Villiger Kaspar · Bundesrat · 2003-10-02
Villiger Kaspar · Bundesrat · Luzern · 2003-10-02
Wortprotokoll
Wenn ich den Minderheitsantrag anschaue, habe ich das Gefühl, das sei wieder so ein Bereich, wo wir dafür bestraft werden, dass wir selber schon einen grossen Schritt getan haben - und dann gibt man einem noch eins drauf. Manchmal muss man sich fragen, ob man nicht gescheiter nichts gemacht und sich dann etwas gewehrt und gesagt hätte: Ja, in Gottes Namen halt. Aber hier sind wirklich schon grosse und tiefe Einschnitte vorgesehen. Wir haben zwei Massnahmen: Wir kürzen den Drucksachenkredit beim Bundesamt für Bauten und Logistik, und wir kürzen bei den Sparvorgaben an die Departemente im Bereich der Öffentlichkeitsarbeit.

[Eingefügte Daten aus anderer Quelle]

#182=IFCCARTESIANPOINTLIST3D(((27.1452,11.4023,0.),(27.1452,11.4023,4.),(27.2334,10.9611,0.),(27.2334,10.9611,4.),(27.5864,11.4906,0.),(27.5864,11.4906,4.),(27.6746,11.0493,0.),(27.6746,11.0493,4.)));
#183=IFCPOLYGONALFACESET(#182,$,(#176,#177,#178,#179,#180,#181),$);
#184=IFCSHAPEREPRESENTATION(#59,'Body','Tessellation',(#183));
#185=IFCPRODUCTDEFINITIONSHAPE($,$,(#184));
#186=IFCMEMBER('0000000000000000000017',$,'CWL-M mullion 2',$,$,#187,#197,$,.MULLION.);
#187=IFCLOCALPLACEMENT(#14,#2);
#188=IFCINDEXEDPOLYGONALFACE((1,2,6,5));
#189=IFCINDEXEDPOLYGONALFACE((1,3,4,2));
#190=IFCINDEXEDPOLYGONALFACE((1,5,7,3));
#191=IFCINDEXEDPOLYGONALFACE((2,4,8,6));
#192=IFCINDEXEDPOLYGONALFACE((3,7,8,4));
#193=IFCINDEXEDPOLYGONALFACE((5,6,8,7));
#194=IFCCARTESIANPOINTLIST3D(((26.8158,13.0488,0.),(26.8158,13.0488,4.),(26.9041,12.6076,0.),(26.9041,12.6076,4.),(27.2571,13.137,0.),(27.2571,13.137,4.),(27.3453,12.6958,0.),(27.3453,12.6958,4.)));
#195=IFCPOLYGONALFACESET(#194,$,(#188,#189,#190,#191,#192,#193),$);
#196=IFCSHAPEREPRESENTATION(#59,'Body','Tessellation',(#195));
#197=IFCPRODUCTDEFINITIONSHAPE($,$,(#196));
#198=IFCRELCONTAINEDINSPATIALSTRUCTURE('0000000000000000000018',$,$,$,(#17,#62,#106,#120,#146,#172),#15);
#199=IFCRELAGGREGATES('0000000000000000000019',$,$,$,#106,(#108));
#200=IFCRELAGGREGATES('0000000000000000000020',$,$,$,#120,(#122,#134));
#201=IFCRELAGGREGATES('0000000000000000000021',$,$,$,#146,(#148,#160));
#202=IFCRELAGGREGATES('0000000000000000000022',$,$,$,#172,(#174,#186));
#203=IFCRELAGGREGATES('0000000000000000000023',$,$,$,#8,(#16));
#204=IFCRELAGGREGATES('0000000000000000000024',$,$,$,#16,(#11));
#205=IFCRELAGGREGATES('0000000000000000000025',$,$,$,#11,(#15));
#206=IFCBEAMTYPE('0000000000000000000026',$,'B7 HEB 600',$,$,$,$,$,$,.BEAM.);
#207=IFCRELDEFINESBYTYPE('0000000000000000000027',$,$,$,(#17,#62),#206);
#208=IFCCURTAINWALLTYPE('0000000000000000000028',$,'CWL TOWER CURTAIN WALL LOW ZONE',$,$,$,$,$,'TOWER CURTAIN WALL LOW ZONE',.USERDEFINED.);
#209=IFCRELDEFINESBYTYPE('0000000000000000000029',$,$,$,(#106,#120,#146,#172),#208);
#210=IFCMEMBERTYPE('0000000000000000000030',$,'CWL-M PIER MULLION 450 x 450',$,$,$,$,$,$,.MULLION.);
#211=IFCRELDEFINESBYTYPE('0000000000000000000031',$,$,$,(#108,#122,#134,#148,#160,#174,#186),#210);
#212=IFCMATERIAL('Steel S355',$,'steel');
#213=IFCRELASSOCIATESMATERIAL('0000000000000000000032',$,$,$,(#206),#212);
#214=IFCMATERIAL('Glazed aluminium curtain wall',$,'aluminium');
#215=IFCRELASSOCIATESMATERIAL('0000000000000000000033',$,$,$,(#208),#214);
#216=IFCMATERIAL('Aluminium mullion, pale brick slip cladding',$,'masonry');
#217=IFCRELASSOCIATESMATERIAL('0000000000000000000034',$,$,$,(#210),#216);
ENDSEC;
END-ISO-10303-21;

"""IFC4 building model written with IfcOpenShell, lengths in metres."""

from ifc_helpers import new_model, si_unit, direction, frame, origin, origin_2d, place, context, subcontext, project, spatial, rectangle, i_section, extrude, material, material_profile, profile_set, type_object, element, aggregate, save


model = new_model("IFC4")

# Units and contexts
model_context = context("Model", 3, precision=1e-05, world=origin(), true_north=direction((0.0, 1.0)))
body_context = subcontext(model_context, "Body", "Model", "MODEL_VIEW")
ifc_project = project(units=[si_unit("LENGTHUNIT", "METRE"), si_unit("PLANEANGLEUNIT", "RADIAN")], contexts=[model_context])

Zum Drucksachenkredit: Das sind etwa 45 Millionen Franken, aber davon ist nur ein Drittel, nämlich 15 Millionen Franken, frei. Der Rest ist für amtliche Publikationen zwingend vorgesehen. Von diesen 15 Millionen streichen wir 5 Millionen, d. h. einen ganzen Drittel. Bei der Öffentlichkeitsarbeit haben wir erstmals Vollkostenerhebungen gemacht; ich glaube, es war auch Zeit, und es war nötig, um zu vergleichen. Ich reagiere an sich ähnlich allergisch wie Sie auf diese Publikationen, wenn ich das Gefühl habe, sie seien nicht ganz korrekt oder unnötig. Ob das bei der angesprochenen Broschüre vielleicht doch eher etwas Kulturelles ist, wo vielleicht eine andere Absicht dahinter steckt, kann ich nicht beurteilen; aber ich schaue es gerne noch im Detail an. Hier haben wir eine grosse Sparvorgabe bis zu 10 Millionen Franken gegeben, das ist über 10 Prozent. Der Ständerat hat das noch einmal aufgestockt. Jetzt sind wir deutlich über 10 Prozent und haben das zumindest akzeptiert.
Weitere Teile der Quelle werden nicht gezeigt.